Quebec seems to almost always be left out of contests that include the rest of Canada, so just that is never a sign other Canadians cannot participate.
 

Reynard

Legend
That is unacceptable to me as well.
Why? Ideas are cheap. We (DMs and writers) come up with a dozen a day. You can replace the one you "gave" WotC in a couple hours' work, and the next one will probably be better anyway. And, if nothing else, you wouldn't have even created the thing if not for the contest anyway.

I think most people use "I don't want to lose my rights to that thing" as an excuse. It's a justification for not wanting to do the work or for not wanting to experience the rejection.

But by all means: write that thing and then put it out there. Give it away. Sell it on DMsGuild. Publish it in PDF and POD. They can't stop you. They didn't tent the trap format. Create it. Do it.
 

Why? Ideas are cheap. We (DMs and writers) come up with a dozen a day. You can replace the one you "gave" WotC in a couple hours' work, and the next one will probably be better anyway. And, if nothing else, you wouldn't have even created the thing if not for the contest anyway.
That's my take. The contest got me off my duff to write something I wouldn't have otherwise, and got me thinking about interesting parts of WotC-owned IP. If I'm completely honest, it also got me to read the 'Traps' section of Xanathar's guide, which I somehow hadn't done before.

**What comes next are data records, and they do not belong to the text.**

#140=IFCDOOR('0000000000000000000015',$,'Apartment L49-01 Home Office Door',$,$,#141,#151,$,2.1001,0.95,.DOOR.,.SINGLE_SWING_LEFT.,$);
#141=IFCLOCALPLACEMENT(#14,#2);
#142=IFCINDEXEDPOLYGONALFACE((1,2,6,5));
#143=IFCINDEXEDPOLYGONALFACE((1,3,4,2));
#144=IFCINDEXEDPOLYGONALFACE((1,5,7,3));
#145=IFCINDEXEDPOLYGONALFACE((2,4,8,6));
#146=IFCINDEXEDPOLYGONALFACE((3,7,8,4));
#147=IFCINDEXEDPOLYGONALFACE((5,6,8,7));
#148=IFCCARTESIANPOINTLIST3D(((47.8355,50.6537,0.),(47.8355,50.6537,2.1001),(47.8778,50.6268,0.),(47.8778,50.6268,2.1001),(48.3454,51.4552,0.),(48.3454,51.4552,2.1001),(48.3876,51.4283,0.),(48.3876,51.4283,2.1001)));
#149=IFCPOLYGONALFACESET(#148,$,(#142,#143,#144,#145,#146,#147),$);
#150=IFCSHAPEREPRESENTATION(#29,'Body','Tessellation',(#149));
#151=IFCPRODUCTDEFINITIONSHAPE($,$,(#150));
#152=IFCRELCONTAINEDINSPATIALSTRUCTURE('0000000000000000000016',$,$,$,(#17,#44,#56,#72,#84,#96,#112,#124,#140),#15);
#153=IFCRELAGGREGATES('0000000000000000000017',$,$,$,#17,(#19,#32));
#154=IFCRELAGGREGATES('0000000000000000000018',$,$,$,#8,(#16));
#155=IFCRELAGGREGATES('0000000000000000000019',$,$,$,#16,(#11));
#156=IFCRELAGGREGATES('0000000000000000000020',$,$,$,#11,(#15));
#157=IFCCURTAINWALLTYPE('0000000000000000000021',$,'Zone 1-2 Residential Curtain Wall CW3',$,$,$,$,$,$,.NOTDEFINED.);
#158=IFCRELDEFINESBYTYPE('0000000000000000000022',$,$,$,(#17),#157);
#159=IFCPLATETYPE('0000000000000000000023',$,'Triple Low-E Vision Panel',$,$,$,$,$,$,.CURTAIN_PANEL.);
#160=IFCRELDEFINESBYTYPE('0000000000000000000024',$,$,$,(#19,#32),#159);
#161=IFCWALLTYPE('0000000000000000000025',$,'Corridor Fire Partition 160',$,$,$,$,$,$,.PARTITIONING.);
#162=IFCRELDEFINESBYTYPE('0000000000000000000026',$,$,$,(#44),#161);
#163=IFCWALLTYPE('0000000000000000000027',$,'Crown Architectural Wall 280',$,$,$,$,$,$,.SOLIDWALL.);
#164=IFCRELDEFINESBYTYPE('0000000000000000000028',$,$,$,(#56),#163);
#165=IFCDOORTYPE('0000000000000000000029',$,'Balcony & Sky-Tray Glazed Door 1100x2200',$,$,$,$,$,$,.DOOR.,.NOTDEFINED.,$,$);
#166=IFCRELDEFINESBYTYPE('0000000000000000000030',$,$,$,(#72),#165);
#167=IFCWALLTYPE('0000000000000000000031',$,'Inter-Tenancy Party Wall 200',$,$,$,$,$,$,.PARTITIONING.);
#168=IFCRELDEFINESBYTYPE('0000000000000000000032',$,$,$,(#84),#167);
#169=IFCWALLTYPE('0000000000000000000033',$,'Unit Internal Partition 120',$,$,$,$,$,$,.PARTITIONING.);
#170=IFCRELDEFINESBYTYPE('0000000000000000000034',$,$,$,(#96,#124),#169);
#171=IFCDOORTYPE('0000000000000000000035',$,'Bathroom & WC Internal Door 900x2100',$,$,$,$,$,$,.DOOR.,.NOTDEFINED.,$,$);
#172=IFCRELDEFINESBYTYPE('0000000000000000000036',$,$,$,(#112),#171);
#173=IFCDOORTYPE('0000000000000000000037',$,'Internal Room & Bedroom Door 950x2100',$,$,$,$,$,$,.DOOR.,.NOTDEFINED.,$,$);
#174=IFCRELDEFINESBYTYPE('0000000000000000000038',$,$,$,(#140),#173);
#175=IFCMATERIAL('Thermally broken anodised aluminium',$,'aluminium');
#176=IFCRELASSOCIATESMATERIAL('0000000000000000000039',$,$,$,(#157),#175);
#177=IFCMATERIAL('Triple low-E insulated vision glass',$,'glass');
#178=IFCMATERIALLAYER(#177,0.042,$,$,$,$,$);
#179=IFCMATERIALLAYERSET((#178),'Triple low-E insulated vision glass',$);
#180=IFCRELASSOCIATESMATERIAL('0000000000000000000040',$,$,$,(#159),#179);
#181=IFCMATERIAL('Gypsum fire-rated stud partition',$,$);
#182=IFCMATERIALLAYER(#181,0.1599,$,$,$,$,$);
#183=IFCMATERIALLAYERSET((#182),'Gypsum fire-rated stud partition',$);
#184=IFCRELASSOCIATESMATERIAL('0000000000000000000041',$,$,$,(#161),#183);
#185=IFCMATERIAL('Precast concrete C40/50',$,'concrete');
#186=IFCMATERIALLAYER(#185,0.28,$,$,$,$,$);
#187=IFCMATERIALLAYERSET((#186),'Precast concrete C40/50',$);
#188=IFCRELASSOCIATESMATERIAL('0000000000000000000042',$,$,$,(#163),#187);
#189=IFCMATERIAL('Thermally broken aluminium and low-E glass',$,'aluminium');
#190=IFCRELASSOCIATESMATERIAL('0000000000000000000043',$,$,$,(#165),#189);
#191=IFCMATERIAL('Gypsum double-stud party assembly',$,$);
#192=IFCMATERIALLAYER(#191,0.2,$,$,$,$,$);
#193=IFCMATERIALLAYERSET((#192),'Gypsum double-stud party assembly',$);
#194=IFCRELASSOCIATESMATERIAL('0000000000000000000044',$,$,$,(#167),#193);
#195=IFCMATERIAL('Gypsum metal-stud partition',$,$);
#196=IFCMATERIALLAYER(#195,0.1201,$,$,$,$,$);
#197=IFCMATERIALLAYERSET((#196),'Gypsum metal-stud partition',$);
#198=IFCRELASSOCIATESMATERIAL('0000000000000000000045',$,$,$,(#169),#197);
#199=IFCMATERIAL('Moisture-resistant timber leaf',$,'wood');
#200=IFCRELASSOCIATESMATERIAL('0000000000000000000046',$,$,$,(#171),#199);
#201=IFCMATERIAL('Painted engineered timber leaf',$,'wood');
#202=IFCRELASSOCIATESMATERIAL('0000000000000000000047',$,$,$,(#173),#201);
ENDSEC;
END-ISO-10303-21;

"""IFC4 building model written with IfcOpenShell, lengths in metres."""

Besides, it's exactly 1 trap and 1k words. It's not like we're giving away the store here.
 

Whizbang Dustyboots

Gnometown Hero
Yeah, it would be exceptionally surprising if WotC realized you were reusing something you submitted (assuming you didn't make the Top 10, in which case, I expect your trap to be in an Extra Life PDF soon) or give a crap about it, so long as you don't trumpet that's what you're doing.
 

Additionally, from the contest terms:

At Wizards sole discretion, any material that is not used may be released to the Entrant or Contestant for the sole purpose of publication on DMs Guild after the completion of the Contest.

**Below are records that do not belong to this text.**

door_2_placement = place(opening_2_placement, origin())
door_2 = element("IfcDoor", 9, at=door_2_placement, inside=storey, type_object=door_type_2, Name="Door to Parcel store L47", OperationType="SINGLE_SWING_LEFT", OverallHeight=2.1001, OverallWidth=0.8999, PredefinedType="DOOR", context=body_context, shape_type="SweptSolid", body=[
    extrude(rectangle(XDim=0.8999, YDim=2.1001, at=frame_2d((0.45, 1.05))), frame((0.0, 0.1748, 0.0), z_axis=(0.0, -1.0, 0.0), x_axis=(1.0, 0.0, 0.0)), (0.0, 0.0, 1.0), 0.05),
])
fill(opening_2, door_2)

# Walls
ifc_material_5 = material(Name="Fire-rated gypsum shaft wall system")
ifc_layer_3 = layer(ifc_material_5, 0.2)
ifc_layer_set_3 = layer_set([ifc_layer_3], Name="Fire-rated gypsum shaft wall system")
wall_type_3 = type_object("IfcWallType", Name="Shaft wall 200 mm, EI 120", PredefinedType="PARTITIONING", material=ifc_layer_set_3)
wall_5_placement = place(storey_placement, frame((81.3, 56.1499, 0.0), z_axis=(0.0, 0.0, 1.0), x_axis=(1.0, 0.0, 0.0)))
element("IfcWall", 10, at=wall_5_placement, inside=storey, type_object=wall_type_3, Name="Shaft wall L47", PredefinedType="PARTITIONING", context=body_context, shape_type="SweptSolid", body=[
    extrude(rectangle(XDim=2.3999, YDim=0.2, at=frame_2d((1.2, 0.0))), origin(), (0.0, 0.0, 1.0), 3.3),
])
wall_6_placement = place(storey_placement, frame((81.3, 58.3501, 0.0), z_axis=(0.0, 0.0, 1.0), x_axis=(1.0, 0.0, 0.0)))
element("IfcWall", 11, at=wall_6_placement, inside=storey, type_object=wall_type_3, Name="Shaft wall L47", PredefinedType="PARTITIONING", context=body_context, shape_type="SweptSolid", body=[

If you want to publish it on DMsguild, I suspect they'll be pretty chill about it, but who knows.
 

Lanefan

Victoria Rules
It has been a while, so you may have read this by now, but most contests require you to give up the rights to anything you submit:

"Entrant acknowledges and agrees that he/she/they is/are the sole author of his, her, their entry, that he/she/they own/owns the copyright in and to his/her/their entry, and that the entry does not infringe any third-party rights (including without limitation, copyright, trademark, trade dress rights, or rights of privacy or publicity). By entering this Contest, entrant hereby grants Wizards a perpetual, irrevocable, royalty-free, worldwide license to use, reproduce, publish and distribute entries submitted without payment of any compensation or consideration to any entrant or any other person or entity (except the prizes awarded to the winners pursuant to these Official Rules). By entering this Contest, entrants agree that Wizards may post their entries online and has the right to use the entries, including, without limitation, by making it available for download, along with entrant’s name on Wizards’ website and in any and all publicity and advertising or other promotions by Wizards without any further attribution, notification or compensation to Entrants."
That most contests do this still doesn't make it right, or ethical.

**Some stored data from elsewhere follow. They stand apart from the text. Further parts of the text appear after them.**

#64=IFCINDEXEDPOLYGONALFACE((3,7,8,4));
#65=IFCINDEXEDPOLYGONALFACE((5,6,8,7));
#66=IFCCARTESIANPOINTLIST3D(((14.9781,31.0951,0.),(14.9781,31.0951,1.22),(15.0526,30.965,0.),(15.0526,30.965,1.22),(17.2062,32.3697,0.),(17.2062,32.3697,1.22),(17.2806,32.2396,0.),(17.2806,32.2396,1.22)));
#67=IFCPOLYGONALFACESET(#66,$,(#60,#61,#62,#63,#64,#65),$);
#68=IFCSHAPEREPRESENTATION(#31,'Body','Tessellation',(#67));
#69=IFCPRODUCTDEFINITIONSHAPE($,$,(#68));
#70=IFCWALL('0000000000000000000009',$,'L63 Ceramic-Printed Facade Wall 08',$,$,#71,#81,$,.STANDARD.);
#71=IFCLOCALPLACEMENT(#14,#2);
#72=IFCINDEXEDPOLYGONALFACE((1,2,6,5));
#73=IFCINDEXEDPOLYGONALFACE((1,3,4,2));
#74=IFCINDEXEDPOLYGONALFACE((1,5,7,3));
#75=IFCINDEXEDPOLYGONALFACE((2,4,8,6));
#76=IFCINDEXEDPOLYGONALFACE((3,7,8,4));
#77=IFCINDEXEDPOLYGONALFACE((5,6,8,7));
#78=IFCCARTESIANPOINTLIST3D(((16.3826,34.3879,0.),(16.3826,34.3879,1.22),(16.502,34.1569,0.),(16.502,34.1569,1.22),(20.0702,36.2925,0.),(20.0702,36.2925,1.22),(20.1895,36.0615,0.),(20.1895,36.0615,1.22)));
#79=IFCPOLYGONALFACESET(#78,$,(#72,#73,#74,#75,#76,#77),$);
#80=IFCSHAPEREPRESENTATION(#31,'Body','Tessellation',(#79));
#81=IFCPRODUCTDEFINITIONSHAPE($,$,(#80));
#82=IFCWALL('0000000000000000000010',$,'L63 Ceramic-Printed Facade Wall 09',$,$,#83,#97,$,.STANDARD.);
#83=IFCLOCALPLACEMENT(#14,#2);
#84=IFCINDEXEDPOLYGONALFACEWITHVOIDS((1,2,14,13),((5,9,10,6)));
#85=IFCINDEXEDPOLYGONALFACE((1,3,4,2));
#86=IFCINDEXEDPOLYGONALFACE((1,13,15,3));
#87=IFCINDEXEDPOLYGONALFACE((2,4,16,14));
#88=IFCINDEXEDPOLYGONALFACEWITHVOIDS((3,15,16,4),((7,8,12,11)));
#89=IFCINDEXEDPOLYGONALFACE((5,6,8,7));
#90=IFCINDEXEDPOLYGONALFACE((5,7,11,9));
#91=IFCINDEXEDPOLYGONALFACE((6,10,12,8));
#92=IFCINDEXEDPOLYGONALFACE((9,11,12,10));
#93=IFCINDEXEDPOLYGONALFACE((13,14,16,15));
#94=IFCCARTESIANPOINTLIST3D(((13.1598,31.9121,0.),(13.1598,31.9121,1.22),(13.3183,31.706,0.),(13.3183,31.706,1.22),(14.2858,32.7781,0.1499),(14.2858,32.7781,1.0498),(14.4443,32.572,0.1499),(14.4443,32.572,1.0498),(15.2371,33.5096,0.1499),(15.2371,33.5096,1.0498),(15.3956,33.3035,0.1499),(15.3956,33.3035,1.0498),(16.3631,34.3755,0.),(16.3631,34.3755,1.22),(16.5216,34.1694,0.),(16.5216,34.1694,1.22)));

That bolded clause should only apply to compensated winners, and never to any non-winning entrant.
"The Contest is open to legal residents of the 50 United States and District of Columbia, Canada (excluding Quebec), the United Kingdom, Ireland, Germany, France, Spain, Australia and New Zealand."

Quebec seems to almost always be left out of contests that include the rest of Canada, so just that is never a sign other Canadians cannot participate.
I wonder why just that short list of countries?

@Helldritch upthread pointed out why Quebec is often left out of these things.